Si apre una fase di grande discussione che riguarda l’assetto istituzionale della nostra Regione e della città di Trieste? Se l’unità e specialità della nostra regione sono il collante irrinunciabile per tutti nella discussione, non vedo preoccupazioni e trovo naturale che un processo, finalmente di Riforma vera, inneschi confronto e dibattito. Anche qui, tutto fuorché noia. 
Credo che ora la sfida debba essere per tutti quella di fare ulteriori passi avanti, rendere più efficiente i nuovi organi, acquisire la leadership di una fase nuova in cui ci si mette alla prova e si concorre a determinare progetti di sviluppo per aree composte da più comuni, vaste e complesse. La sfida, insomma, mi auguro diventi fra chi è più bravo a determinare il futuro piuttosto che a conservare o ritornare al passato.

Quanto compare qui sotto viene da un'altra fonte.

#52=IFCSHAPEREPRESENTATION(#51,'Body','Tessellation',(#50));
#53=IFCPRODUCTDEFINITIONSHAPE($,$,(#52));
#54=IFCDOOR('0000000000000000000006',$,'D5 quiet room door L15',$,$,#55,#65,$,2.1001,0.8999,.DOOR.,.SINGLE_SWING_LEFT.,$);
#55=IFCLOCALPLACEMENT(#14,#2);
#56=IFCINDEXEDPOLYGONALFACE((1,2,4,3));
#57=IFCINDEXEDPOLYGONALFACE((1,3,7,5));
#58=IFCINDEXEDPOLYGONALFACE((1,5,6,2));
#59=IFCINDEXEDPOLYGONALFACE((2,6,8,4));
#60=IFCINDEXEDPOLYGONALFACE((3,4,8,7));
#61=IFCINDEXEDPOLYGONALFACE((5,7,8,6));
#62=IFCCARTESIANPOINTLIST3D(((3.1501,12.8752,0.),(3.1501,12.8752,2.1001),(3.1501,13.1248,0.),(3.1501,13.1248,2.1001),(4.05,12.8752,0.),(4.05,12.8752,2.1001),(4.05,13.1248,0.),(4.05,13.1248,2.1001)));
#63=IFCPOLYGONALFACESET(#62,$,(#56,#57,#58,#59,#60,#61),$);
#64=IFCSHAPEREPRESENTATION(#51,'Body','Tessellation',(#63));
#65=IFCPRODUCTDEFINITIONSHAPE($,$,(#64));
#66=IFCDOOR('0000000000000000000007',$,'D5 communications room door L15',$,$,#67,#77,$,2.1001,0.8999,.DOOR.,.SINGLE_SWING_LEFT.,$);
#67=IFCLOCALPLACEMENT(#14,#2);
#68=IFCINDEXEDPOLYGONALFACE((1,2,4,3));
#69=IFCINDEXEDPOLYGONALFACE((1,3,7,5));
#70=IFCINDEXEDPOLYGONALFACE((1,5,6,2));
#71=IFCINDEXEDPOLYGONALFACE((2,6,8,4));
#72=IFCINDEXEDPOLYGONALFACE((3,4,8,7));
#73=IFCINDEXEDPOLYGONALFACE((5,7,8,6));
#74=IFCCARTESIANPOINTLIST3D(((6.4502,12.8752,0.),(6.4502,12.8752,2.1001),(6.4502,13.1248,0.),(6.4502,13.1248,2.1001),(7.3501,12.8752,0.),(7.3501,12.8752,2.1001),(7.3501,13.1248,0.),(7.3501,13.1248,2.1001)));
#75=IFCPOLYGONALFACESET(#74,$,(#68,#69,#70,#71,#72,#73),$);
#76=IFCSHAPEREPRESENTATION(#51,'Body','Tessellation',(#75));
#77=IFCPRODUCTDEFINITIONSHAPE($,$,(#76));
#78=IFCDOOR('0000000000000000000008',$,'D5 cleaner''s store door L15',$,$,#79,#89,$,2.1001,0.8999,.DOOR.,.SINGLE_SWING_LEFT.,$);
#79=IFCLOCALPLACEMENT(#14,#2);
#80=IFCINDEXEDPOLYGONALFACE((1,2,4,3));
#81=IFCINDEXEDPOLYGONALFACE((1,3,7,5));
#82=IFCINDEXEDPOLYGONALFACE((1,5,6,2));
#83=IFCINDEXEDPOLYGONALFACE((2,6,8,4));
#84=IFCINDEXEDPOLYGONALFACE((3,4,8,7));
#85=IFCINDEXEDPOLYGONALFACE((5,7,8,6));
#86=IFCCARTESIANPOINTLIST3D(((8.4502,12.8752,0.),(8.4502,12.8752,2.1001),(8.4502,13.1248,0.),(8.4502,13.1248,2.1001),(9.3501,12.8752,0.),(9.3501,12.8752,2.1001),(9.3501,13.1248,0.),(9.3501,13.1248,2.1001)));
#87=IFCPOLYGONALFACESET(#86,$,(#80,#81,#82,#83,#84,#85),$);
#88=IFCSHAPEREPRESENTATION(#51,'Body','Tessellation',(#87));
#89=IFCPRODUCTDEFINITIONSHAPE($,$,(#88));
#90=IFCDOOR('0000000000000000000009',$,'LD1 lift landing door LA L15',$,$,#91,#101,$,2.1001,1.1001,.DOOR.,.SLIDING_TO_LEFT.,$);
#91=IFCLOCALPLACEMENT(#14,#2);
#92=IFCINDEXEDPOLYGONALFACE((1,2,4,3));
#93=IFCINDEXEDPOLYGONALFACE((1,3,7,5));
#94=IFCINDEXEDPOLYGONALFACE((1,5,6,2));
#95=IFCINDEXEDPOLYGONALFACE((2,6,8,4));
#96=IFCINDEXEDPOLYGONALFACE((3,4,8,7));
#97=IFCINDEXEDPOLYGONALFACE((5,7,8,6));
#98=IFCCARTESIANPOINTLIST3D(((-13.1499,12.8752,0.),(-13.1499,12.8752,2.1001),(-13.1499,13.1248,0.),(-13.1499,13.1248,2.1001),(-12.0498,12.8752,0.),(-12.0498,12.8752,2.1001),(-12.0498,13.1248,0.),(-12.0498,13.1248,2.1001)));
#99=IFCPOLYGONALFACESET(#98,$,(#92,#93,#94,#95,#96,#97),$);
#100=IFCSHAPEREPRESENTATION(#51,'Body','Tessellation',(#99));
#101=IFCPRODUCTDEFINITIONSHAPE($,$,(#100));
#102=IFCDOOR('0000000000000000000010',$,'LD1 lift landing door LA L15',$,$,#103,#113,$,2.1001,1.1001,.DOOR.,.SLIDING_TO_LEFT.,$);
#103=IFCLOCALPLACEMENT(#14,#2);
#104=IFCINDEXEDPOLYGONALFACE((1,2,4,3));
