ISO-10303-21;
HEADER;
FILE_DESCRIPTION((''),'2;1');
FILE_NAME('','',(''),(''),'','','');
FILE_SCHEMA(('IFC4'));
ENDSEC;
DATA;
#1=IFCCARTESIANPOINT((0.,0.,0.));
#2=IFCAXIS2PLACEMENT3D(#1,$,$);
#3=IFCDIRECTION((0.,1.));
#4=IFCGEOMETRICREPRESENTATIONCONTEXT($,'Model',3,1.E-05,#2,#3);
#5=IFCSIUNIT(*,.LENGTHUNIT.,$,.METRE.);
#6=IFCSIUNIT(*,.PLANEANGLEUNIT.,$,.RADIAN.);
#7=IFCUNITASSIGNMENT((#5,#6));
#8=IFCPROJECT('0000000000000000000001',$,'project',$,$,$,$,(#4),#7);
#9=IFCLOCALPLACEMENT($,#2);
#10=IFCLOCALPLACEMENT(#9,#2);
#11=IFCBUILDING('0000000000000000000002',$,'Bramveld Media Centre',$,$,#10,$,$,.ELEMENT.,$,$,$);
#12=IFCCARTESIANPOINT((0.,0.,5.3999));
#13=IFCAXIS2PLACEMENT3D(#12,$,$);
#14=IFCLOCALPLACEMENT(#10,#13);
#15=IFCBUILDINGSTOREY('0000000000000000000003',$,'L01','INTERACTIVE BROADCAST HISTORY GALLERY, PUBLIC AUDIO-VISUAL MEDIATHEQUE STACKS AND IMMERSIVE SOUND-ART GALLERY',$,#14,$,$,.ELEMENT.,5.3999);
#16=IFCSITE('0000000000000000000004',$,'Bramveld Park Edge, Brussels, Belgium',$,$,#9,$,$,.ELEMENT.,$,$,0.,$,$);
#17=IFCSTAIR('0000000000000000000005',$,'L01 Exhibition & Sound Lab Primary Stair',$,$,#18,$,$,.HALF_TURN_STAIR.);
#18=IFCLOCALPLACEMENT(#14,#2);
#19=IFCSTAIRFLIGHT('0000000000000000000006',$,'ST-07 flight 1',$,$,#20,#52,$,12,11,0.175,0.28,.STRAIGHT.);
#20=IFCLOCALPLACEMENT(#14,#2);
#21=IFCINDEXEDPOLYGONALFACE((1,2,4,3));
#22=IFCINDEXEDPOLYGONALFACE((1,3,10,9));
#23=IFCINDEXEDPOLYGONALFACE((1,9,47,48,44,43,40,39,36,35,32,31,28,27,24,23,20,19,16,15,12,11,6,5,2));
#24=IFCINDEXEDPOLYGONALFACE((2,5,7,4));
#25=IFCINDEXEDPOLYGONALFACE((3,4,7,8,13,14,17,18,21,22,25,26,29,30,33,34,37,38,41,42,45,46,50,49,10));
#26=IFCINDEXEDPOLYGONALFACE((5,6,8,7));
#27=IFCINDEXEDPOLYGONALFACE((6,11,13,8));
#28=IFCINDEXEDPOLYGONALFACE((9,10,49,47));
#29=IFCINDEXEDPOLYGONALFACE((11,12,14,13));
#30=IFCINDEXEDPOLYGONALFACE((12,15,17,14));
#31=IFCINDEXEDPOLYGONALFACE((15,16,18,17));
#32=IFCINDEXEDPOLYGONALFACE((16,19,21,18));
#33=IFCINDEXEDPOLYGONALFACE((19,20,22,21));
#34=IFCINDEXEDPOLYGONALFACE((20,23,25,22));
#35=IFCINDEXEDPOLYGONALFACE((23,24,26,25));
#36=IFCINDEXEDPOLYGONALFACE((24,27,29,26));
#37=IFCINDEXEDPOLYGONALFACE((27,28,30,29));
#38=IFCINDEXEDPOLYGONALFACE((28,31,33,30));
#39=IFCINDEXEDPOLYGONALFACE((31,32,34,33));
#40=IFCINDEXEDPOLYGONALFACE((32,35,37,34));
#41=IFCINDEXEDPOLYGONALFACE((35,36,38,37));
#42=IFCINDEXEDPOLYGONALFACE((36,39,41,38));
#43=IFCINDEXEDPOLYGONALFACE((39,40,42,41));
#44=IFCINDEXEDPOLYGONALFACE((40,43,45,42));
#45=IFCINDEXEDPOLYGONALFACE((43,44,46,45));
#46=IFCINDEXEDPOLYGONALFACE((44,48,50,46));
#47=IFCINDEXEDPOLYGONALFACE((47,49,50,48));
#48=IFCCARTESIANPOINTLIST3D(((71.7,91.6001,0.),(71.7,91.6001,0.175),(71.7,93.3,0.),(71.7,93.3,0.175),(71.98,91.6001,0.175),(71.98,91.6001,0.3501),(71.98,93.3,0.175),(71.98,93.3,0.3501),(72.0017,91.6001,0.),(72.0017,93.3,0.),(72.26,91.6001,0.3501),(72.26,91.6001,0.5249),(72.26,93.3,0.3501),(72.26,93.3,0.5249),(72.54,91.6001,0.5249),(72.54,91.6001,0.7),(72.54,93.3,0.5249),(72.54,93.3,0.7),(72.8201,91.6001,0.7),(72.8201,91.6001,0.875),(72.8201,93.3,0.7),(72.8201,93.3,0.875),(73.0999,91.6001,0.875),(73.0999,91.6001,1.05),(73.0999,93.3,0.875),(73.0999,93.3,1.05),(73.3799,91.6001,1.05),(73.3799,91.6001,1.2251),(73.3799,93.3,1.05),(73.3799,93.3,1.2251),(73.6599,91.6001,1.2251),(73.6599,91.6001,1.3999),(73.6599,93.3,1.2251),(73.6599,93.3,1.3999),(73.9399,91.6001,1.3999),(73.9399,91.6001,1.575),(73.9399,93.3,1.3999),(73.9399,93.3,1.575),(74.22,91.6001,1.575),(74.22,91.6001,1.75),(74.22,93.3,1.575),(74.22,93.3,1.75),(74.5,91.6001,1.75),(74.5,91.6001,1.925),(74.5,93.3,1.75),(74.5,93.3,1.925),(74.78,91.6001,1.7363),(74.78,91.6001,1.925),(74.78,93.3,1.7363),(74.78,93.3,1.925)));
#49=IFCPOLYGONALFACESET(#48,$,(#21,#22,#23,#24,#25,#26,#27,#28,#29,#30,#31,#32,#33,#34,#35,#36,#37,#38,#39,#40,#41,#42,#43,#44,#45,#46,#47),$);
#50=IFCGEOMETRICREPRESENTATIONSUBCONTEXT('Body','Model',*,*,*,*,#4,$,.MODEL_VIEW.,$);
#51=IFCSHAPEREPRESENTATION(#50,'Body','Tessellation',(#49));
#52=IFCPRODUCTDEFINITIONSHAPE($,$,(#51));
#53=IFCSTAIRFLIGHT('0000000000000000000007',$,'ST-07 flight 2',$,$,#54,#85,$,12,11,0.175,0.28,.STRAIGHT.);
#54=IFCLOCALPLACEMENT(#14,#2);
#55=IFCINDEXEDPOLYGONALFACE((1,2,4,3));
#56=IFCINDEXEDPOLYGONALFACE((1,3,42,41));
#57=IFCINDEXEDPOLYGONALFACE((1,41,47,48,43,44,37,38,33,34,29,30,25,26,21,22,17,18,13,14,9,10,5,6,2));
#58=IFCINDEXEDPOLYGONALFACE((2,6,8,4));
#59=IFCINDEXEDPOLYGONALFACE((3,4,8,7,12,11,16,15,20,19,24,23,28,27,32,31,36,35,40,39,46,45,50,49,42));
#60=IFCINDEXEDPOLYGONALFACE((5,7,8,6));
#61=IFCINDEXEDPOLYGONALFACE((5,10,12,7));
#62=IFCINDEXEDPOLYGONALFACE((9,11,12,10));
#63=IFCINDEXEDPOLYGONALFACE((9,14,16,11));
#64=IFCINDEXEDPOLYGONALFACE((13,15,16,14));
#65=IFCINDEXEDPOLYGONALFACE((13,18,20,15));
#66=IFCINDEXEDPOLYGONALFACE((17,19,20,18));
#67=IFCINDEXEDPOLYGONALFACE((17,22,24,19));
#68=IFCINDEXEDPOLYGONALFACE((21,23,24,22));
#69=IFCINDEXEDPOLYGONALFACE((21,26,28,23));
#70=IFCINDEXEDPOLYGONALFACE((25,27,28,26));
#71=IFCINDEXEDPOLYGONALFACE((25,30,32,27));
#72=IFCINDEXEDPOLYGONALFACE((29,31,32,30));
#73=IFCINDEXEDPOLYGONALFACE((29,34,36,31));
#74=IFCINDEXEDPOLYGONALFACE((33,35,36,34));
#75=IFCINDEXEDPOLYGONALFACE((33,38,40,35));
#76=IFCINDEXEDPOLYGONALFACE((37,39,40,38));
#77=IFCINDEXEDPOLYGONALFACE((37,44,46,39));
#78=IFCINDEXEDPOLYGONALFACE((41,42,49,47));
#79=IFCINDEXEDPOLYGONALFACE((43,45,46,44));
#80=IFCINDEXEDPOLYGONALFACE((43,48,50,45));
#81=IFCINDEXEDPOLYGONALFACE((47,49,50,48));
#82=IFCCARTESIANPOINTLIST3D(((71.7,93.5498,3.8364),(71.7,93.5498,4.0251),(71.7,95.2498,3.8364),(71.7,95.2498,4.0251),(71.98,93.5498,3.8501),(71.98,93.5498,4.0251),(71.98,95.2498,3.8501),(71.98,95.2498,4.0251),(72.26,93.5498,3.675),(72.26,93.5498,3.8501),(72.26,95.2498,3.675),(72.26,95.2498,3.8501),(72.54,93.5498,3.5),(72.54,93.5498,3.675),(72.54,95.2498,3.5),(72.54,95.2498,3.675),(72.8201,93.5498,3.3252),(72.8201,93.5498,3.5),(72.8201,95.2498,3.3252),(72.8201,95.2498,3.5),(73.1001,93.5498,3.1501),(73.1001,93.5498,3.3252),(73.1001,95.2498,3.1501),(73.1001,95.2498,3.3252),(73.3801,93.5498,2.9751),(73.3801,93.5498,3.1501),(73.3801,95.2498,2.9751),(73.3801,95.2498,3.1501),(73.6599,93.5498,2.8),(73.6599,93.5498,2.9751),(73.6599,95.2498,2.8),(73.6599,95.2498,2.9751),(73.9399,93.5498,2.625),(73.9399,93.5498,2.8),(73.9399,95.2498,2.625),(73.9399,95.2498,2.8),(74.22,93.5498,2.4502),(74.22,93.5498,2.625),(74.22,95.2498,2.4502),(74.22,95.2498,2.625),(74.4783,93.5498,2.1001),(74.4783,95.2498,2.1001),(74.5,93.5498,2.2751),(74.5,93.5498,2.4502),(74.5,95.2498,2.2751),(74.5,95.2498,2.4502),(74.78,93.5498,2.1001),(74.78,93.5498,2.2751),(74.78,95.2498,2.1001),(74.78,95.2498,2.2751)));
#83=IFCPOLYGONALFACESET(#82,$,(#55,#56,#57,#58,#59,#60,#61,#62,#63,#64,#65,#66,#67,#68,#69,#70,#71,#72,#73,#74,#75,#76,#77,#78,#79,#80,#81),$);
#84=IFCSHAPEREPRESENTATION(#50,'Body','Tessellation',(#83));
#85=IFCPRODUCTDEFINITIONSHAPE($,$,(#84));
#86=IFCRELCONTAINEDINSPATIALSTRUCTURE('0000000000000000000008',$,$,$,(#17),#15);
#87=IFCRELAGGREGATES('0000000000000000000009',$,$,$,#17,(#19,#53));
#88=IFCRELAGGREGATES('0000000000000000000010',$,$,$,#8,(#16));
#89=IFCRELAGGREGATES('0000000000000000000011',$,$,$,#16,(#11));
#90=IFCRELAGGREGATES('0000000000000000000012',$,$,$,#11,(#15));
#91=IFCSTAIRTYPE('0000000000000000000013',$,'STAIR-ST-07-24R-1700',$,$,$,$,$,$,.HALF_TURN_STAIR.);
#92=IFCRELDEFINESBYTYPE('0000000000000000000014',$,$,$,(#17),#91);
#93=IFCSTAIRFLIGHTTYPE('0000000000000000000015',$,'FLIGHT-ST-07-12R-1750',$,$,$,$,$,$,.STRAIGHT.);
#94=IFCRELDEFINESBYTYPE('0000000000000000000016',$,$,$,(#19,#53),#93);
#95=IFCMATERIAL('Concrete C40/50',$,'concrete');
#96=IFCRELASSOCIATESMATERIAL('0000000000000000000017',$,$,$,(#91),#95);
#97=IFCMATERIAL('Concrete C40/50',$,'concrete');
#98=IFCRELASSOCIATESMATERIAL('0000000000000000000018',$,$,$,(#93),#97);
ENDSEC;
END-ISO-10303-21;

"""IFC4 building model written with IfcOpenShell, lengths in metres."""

from ifc_helpers import new_model, si_unit, direction, frame, origin, place, context, subcontext, project, spatial, polyline, outline, extrude, material, type_object, element, aggregate, save


model = new_model("IFC4")

# Units and contexts
model_context = context("Model", 3, precision=1e-05, world=origin(), true_north=direction((0.0, 1.0)))
body_context = subcontext(model_context, "Body", "Model", "MODEL_VIEW")
ifc_project = project(units=[si_unit("LENGTHUNIT", "METRE"), si_unit("PLANEANGLEUNIT", "RADIAN")], contexts=[model_context])

# Site, building, storey
site_placement = place(None, origin())
site = spatial("IfcSite", under=ifc_project, at=site_placement, Name="Bramveld Park Edge, Brussels, Belgium", CompositionType="ELEMENT", RefElevation=0.0)
building_placement = place(site_placement, origin())
building = spatial("IfcBuilding", under=site, at=building_placement, Name="Bramveld Media Centre", CompositionType="ELEMENT")
storey_placement = place(building_placement, frame((0.0, 0.0, 5.3999)))
storey = spatial("IfcBuildingStorey", under=building, at=storey_placement, Name="L01", Description="INTERACTIVE BROADCAST HISTORY GALLERY, PUBLIC AUDIO-VISUAL MEDIATHEQUE STACKS AND IMMERSIVE SOUND-ART GALLERY", CompositionType="ELEMENT", Elevation=5.3999)

# Stair, stair flights
ifc_material_1 = material(Name="Concrete C40/50", Category="concrete")
stair_type = type_object("IfcStairType", Name="STAIR-ST-07-24R-1700", PredefinedType="HALF_TURN_STAIR", material=ifc_material_1)
stair_placement = place(storey_placement, origin())
stair = element("IfcStair", 1, at=stair_placement, inside=storey, type_object=stair_type, Name="L01 Exhibition & Sound Lab Primary Stair", PredefinedType="HALF_TURN_STAIR")
ifc_material_2 = material(Name="Concrete C40/50", Category="concrete")
stair_flight_type = type_object("IfcStairFlightType", Name="FLIGHT-ST-07-12R-1750", PredefinedType="STRAIGHT", material=ifc_material_2)
stair_flight_1_placement = place(storey_placement, frame((71.7, 92.45, 0.0), z_axis=(0.0, 0.0, 1.0), x_axis=(1.0, 0.0, 0.0)))
stair_flight_1 = element("IfcStairFlight", 2, at=stair_flight_1_placement, type_object=stair_flight_type, Name="ST-07 flight 1", NumberOfRisers=12, NumberOfTreads=11, PredefinedType="STRAIGHT", RiserHeight=0.175, TreadLength=0.28, context=body_context, shape_type="SweptSolid", body=[
    extrude(outline(polyline([(0.0, 0.0), (0.0, 0.175), (0.28, 0.175), (0.28, 0.3501), (0.5601, 0.3501), (0.5601, 0.5249), (0.8401, 0.5249), (0.8401, 0.7), (1.1201, 0.7), (1.1201, 0.875), (1.3999, 0.875), (1.3999, 1.05), (1.6799, 1.05), (1.6799, 1.2251), (1.96, 1.2251), (1.96, 1.3999), (2.24, 1.3999), (2.24, 1.575), (2.52, 1.575), (2.52, 1.75), (2.8, 1.75), (2.8, 1.925), (3.0801, 1.925), (3.0801, 2.1001), (3.0801, 1.7363), (0.3018, 0.0), (0.0, 0.0)])), frame((0.0, 0.8501, 0.0), z_axis=(0.0, -1.0, 0.0), x_axis=(1.0, 0.0, 0.0)), (0.0, 0.0, 1.0), 1.7),
])
stair_flight_2_placement = place(storey_placement, frame((74.78, 94.3999, 2.1001), z_axis=(0.0, 0.0, 1.0), x_axis=(-1.0, 0.0, 0.0)))
stair_flight_2 = element("IfcStairFlight", 3, at=stair_flight_2_placement, type_object=stair_flight_type, Name="ST-07 flight 2", NumberOfRisers=12, NumberOfTreads=11, PredefinedType="STRAIGHT", RiserHeight=0.175, TreadLength=0.28, context=body_context, shape_type="SweptSolid", body=[
    extrude(outline(polyline([(0.0, 0.0), (0.0, 0.175), (0.28, 0.175), (0.28, 0.3501), (0.5601, 0.3501), (0.5601, 0.5249), (0.8401, 0.5249), (0.8401, 0.7), (1.1201, 0.7), (1.1201, 0.875), (1.3999, 0.875), (1.3999, 1.05), (1.6799, 1.05), (1.6799, 1.2251), (1.96, 1.2251), (1.96, 1.3999), (2.24, 1.3999), (2.24, 1.575), (2.52, 1.575), (2.52, 1.75), (2.8, 1.75), (2.8, 1.925), (3.0801, 1.925), (3.0801, 2.1001), (3.0801, 1.7363), (0.3018, 0.0), (0.0, 0.0)])), frame((0.0, 0.8501, 0.0), z_axis=(0.0, -1.0, 0.0), x_axis=(1.0, 0.0, 0.0)), (0.0, 0.0, 1.0), 1.7),
])
aggregate(stair, [stair_flight_1, stair_flight_2])

save(model, "model.ifc")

Questo è l’ultimo assestamento che ci tocca di discutere e approvare. Sappiamo che “armonizzazione” e “pareggio di bilancio” cambieranno il modo di far politica, di confrontarci fra noi e con la Giunta. Fra noi e i cittadini, le associazioni, le rappresentanze territoriali, economiche, politiche. Dovremo imparare a leggere, a confrontare fra loro documenti diversi sui quali si articolerà la capacità progettuale e programmatica delle varie maggioranze e dovremo, Presidente Jacop, organizzare il nostro lavoro di approfondimento e confronto in Commissione sia per i tempi sia per le modalità di illustrazione e dibattito con gli assessori con modalità e strumenti autonomi del Consiglio adeguati alle nuove necessità.
Termino con uno fatto che potrebbe sembrare minore ed invece, per me ma credo per tutti noi, possa essere un grande segnale di fiducia e speranza. Nel nostro dibattito che conterrà anche, come è naturale, elementi di polemica e forzatura, teniamo presente che i piccoli allievi delle scuole primarie del Friuli Venezia Giulia hanno conquistato il primo posto nazionale in italiano e matematica. Lavoriamo per loro.